Bab 18

1.2K 120 35
                                    

---------------------------------------------------------

Sudah tiga bulan Milk menjadi dokter iship di rumah sakit tempat papanya bekerja. Awalnya terasa tidak nyaman karena beberapa dokter dan perawat merasa sungkan untuk menyuruh Milk. Namun Milk meminta papanya bertanggung jawab dengan membiarkan semua bersikap biasa saja tanpa melihat Milk sebagai anaknya. Seminggu setelahnya mulai ada yang berani menegur Milk saat salah dan juga tidak ada yang sungkan untuk meminta bantuannya.

Hubungannya dengan Love masih seperti sebelumnya, mereka masih berstatus teman. Teman tapi mesra, saling menaruh perhatian dan berbagi keluh kesah tentang pekerjaan mereka masing-masing. Love sering mengunjungi Milk ke rumah sakit saat banyak pasien hanya untuk membawa makanan dan juga melepas rindu, tentu saja dengan status hanya teman.

Hari itu Milk mendapat shift malam, setelah menjemput dan mengantar Love pulang ia langsung bergegas ke rumah sakit. Ia mulai mengecek operan pasien dari shift sebelumnya, tiba-tiba telfon IGD berdering. Perawat yang mengangkat terlihat panik.

"Ada kecelakaan beruntun, ada 2 pasien luka berat dan 2 pasien luka ringan." Ucap perawat tadi. Semua dokter dan perawat di IGD bersiap menerima pasien.

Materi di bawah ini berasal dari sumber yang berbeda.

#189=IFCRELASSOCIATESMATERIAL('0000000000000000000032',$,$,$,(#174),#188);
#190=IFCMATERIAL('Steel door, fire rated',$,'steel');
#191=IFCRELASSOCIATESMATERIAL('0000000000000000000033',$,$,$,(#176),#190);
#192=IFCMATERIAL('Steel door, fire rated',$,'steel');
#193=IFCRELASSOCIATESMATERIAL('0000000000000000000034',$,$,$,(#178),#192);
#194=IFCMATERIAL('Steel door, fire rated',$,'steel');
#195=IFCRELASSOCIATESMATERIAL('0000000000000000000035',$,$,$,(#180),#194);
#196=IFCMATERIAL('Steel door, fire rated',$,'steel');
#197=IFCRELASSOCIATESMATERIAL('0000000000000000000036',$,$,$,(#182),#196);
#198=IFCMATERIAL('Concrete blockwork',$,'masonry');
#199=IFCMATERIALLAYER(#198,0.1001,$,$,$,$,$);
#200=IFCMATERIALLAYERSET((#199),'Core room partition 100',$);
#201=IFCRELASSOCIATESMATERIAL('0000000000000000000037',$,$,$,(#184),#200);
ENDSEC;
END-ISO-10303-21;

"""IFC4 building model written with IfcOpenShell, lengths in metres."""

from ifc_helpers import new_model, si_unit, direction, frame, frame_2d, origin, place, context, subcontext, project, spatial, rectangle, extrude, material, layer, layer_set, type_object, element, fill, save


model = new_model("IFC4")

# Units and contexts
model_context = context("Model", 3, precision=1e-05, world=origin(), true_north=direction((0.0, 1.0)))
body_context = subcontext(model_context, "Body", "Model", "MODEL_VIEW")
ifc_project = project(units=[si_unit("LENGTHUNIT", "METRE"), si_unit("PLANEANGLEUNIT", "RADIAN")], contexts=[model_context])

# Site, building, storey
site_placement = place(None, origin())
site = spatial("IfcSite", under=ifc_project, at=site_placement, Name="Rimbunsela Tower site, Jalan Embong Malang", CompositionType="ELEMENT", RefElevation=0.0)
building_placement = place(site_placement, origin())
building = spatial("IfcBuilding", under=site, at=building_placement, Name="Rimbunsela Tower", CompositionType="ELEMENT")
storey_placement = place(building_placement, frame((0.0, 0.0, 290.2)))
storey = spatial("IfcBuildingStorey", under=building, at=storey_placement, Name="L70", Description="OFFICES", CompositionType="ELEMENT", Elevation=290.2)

Malam itu hanya ada satu dokter utama dan satu dokter iship. Dua pasien datang, Milk langsung memeriksa salah satunya. Milk memanggil pasien memastikan pasien masih dalam keadaan sadar.

"Dokter Pansa, pasien yang baru datang mengalami henti jantung." Ucap salah satu perawat.

Milk berlari menghampiri. Ia memeriksa nadi pasien lalu mendekatkan telinganya ke mulut pasien memastikan nafas pasien. Ia langsung naik ke ranjang dan melakukan RJP. Milk meletakkan salah satu telapak tangan pada bagian tengah dada pasien, telapak tangan lainnya diletakkan di atas tangan tersebut. Ia mulai memompa cepat dada pasien.

Dua puluh menit berlalu. Semua mata tertuju pada Milk yang sudah dipenuhi keringat namun ia masih belum mau menyerah. Walau sudah merasa lelah Milk terus melakukan pertolongan untuk mengembalikan detak jantung pasien.

"Dokter Pansa, pasien sudah tidak bisa ditolong lagi." Ucap dokter utama setelah mengecek nadi pasien yang tidak ada perubahan sama sekali.

Salah satu perawat memegang tangan Milk untuk menghentikan pertolongannya yang sia-sia. Milk turun dari ranjang dengan nafas terengah-engah. Ia meninggalkan bangsal dengan langkah lunglai dan perasaan bersalah.

"Waktu kematian jam 00.53." Ucap dokter utama menggantikan Milk.

Dokter jaga dan beberapa perawat menatap Milk yang pergi dengan rasa iba. Mereka membiarkan Milk pergi karena tahu pasti ia syok dengan kejadian ini. Untungnya pasien yang lain sudah dalam kondisi stabil sehingga IGD dapat di tangani tanpa Milk.

Milk duduk diujung lorong sambil memeluk kakinya, ia membenamkan wajahnya. Tangisnya tak terdengar namun kini wajahnya sudah basah, air mata dan keringatnya bercampur. Ia terus menyalahkan dirinya karena tidak bisa menyelamatkan pasiennya. Ia teringat wajah anak pasien itu yang menangis berharap ayahnya bisa sembuh.

"Milk, ngapain di sini?" Papa Milk memanggil dan menghampiri Milk. Dokter jaga menelfon Papa Milk karena tau bahwa Milk sangat syok.

Milk mengangkat kepalanya melihat papanya yang sudah di sampingnya, ia langsung memeluk erat papanya. Ia menangis dipelukan papanya.

"Milk mau pulang pa." Ucap Milk sambil terisak.

"Iya, ayo pulang. Gak usah nangis lagi ya." Ucap Papa Milk menenangkan.

.

Pagi itu Love mencoba menghubungi Milk karena belum juga datang untuk menjemputnya. Tidak ada jawaban dan akhirnya Love memutuskan untuk memesan grabcar. Hal ini sudah biasa, Milk sering telat bahkan tidak bisa menjemput atau mengantar karena sering mendapat pasien di akhir jam jaganya. Love sudah memaklumi. Ia mengirimi Milk pesan agar tidak perlu lagi menjemput karena ia sudah berangkat sendiri. Love memilih naik grabcar, ia berharap nanti Milk menjemputnya.